Выйдя на улицу, Егор решил идти домой прямо через ларек, еще одна бутылка пива ему не повредит, а раз так, то так тому и быть. Он шел с бутылкой в руке, глотая горьковатую жидкость, становился все злей и злей. Он злился на весь мир за свои неудачи, за невозможность заработать достаточно денег, чтобы достойно содержать семью, чтобы купить машину, да и вообще, чтобы жить по-человечески. Вспоминал брата, который всегда спорит и не соглашается с ним, мать, досаждающую своими нравоучениями сына- лоботряса, который плохо учился в школе. Погода ему тоже не нравилась. Мысль о том, что он – неудачник опять проскользнула где-то далеко у него в голове. Вот именно ее он и боялся больше всего. Боялся признаться, что за все его так называемые беды, отвечает он, и только он. Не правительство, сын или мама, а он. Именно эта мысль о неудачнике в последнее время стала все чаще навещать Егора, с каждым разом задерживаясь все дольше и дольше, грозя поселиться в его голове навечно. Вот и сейчас, заметив на горизонте незваную гостью, он попытался спрятаться. И не нашел ничего лучшего, как, допив одним глотком остатки хмельного напитка, с силой бросить бутылку в стоящую неподалеку машину. Звон разбитого стекла и сработавшая сигнализация немного отрезвили его и заставили быстрым шагом скрыться в темном переулке. Не желая быть замеченным, Егор петлял между домов, надежно, как ему казалось, путая следы. Вышагивая в потемках кружева, он постоянно оглядывался, чтобы убедиться в том, что его никто не преследует. Войдя во двор и закрыв калитку, он еще немного постоял, прислушиваясь к уличному шуму и, окончательно убедившись, что погони нет, постучал в дверь. Через мгновение женский голос спросил:

– Егор, это ты?

– Я, я, – ответил он, спешно входя в дом.

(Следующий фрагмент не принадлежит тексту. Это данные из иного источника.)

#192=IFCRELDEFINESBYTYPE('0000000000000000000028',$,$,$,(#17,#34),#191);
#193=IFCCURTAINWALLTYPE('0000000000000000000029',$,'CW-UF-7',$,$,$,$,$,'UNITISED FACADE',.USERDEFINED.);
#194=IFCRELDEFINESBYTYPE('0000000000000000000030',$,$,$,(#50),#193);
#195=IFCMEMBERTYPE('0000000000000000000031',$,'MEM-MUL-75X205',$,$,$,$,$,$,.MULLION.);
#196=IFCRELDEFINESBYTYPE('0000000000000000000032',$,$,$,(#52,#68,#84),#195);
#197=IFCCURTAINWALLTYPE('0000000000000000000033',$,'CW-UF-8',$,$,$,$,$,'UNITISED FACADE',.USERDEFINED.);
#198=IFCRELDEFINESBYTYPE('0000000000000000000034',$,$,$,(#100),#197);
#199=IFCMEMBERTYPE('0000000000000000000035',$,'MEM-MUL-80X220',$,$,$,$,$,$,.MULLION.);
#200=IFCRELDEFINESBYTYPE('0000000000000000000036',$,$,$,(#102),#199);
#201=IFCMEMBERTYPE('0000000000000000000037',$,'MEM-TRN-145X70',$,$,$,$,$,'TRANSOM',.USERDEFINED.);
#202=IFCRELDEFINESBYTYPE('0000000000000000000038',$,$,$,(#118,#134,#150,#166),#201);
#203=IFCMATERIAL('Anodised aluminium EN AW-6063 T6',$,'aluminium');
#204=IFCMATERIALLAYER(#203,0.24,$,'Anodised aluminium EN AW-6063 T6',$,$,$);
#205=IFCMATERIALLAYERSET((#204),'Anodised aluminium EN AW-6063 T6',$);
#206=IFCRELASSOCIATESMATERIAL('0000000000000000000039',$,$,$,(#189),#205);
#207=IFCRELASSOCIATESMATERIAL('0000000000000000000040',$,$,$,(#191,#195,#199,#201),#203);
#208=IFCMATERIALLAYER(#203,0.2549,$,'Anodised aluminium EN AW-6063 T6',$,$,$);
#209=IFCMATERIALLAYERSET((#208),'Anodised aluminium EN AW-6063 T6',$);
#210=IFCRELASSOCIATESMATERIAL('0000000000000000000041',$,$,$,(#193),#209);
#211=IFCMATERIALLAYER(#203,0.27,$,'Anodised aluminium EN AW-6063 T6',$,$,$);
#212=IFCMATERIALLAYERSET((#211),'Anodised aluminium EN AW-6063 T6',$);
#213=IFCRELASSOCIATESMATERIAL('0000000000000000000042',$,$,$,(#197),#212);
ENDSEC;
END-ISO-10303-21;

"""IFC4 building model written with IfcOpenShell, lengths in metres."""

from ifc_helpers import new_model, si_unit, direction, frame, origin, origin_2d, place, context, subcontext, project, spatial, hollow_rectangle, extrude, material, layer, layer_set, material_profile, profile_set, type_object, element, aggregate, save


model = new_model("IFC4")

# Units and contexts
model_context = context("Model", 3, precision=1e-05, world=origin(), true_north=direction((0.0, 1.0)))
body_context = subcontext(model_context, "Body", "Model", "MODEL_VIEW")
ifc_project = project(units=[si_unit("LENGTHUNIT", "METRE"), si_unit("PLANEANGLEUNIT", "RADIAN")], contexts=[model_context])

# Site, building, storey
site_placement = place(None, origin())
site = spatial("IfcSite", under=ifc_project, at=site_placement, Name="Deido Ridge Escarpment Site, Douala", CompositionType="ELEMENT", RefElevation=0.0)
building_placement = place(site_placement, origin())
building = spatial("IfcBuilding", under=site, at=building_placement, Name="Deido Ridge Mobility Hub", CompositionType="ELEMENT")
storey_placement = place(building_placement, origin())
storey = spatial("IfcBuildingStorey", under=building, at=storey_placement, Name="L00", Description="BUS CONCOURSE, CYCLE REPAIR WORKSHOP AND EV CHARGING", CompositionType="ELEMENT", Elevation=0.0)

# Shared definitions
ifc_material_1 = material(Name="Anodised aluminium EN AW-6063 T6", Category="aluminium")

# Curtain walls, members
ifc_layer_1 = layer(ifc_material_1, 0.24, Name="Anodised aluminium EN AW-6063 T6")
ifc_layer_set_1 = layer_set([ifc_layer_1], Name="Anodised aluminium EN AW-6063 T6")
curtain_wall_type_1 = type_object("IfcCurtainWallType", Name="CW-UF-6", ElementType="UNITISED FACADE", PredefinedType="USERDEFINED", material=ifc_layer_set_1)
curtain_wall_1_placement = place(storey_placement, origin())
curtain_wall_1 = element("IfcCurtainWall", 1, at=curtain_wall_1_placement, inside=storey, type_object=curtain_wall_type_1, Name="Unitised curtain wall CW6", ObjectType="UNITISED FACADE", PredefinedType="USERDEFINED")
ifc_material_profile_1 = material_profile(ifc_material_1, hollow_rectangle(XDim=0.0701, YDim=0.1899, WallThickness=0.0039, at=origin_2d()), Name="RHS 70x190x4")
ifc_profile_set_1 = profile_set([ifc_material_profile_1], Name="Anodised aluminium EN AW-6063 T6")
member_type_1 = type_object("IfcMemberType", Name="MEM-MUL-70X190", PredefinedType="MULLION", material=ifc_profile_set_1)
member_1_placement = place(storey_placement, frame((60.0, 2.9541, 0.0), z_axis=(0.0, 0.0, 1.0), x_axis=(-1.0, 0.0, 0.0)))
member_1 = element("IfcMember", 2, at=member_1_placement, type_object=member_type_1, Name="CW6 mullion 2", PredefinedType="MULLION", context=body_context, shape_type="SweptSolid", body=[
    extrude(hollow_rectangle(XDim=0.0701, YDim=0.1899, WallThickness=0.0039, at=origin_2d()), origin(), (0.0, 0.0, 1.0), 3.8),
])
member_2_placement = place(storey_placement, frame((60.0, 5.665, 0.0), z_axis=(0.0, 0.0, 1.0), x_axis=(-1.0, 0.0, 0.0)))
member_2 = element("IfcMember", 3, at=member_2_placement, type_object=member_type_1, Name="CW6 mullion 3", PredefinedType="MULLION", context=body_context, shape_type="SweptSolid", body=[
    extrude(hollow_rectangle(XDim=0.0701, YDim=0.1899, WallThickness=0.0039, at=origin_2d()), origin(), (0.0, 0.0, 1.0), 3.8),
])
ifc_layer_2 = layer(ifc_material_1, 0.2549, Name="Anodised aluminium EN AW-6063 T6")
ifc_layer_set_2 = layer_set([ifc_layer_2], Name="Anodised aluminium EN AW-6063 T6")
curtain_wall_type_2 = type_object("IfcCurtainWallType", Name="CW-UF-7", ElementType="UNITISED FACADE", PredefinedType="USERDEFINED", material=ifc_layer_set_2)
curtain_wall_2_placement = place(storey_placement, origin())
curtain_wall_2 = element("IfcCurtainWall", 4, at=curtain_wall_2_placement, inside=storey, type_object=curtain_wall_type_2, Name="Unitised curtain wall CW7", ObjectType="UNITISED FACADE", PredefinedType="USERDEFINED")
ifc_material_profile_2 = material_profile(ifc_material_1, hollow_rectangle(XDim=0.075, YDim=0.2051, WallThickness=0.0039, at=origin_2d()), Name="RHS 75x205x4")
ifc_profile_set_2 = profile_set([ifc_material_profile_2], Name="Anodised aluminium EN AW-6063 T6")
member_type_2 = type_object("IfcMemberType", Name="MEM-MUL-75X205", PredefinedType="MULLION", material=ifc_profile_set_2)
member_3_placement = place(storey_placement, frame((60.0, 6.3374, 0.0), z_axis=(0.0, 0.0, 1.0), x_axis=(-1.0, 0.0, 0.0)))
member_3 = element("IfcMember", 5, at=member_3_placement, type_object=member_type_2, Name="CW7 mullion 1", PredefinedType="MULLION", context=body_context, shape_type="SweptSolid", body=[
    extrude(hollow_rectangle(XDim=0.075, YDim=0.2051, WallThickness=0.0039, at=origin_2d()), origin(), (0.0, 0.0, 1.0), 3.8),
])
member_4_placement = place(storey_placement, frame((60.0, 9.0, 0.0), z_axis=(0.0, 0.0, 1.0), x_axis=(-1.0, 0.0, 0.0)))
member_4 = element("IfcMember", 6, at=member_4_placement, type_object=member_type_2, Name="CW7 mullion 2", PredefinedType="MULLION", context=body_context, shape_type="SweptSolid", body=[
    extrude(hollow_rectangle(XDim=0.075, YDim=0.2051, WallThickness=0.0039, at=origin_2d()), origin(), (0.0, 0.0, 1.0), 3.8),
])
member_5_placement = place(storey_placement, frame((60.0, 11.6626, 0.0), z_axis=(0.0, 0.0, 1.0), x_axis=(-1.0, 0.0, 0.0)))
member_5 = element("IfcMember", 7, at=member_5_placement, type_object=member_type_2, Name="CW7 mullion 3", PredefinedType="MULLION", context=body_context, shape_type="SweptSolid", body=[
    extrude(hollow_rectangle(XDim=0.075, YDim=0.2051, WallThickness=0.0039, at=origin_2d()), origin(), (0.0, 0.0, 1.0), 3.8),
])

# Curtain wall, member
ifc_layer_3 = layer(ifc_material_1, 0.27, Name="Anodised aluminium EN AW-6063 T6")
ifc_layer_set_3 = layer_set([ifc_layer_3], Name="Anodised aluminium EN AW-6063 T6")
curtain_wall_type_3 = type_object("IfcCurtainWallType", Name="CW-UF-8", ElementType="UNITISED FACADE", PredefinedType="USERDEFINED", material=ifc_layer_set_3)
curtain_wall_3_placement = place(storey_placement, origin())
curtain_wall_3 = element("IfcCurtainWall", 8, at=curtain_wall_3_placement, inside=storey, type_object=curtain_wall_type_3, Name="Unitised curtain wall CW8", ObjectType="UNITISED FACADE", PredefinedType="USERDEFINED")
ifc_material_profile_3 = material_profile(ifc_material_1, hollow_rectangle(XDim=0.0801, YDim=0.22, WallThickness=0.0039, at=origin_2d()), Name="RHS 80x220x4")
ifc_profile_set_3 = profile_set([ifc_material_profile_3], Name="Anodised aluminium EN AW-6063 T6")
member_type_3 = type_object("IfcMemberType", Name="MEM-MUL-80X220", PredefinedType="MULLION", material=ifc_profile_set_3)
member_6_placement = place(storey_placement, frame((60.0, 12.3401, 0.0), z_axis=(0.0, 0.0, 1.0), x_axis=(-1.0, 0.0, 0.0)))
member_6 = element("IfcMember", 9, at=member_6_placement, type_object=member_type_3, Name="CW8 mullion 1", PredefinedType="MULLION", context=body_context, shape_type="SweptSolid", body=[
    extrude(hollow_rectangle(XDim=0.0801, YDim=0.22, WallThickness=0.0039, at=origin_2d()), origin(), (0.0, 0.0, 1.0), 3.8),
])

Время было позднее, и дети уже легли спать, лишь Нина ждала мужа с работы.

– К своим заходил – сказал Егор, чтобы предотвратить расспросы. – Нин, дай чего-нибудь пожрать, а то я проголодался как собака.

Нина, молча уже собирала на стол, не дожидаясь распоряжений. Видя, в каком состоянии муж, она про себя молила только об одном, чтобы он не начал скандалить. Сняв мокрую и забрызганную грязью одежду, он надел тонкое нательное белье и в таком виде пришел на кухню. Открыв холодильник, Егор достал недопитую бутылку портвейна, искоса посмотрев на жену. Нина сделала вид, что не замечает его придирок, продолжала накрывать на стол.

– Как дела? – спросил Егор непослушным, словно живущим своей жизнью, языком от уже чрезмерно выпитого.

– Нормально…

– Нормально говоришь? А как успехи нашего обалдуя в школе?

– Егор, это твой сын. Кушай, а то остынет.

– Остынет, разогреешь, неси дневник, посмотрю, какие у вас дела нормальные.

– Егор, заниматься сыном нужно трезвым, а не в таком состоянии…

– А в каком я состоянии? – Перебил он жену, начиная как обычно задираться.

– Ты пьян…

– Да что ты говоришь? Вы что все сговорились, что ли? Тоже мне нашли алкоголика! Вы еще алкашей не видели.

Он встал, чтобы выйти из кухни, но Нина перегородила ему дорогу в дверях.

– Дай пройти.

– Не дам. Егор, не трогай сына, он спит. Ради Бога, прошу тебя!

– Да что вы все со своим Богом носитесь, – вскипел Егор, – что вы его постоянно вспоминаете? Пусть он лучше сделает, чтобы сын хорошо учился да человеком как его отец стал, об этом его попроси. Бога нет! – закричал Егор.

Он схватил бутылку со стола и, оттолкнув Нину, вышел в коридор. Сделав несколько жадных глотков, он закурил. Нащупав в темноте висевший на вешалке старый, драный тулуп, в котором он управлялся на дворе, накинул его на плечи и уселся на табурет.

За окном снова расплакалась осень, словно верная подружка не сдержалась при виде Нининых слез. Она стучала по крыше, порывами ветра барабанила в окна, стараясь разбудить у Егора хоть капельку сострадания и любви. Но трехсемерочный портвешок все сильней дурманил сознание, и в скорости, от педагогических способностей не осталось и следа. Егор провалился в забытье.

Глава 3

– Хозяева, открывайте! – Кричал кто-то со двора.

– Хозяева! – Удары в дверь становились все сильнее.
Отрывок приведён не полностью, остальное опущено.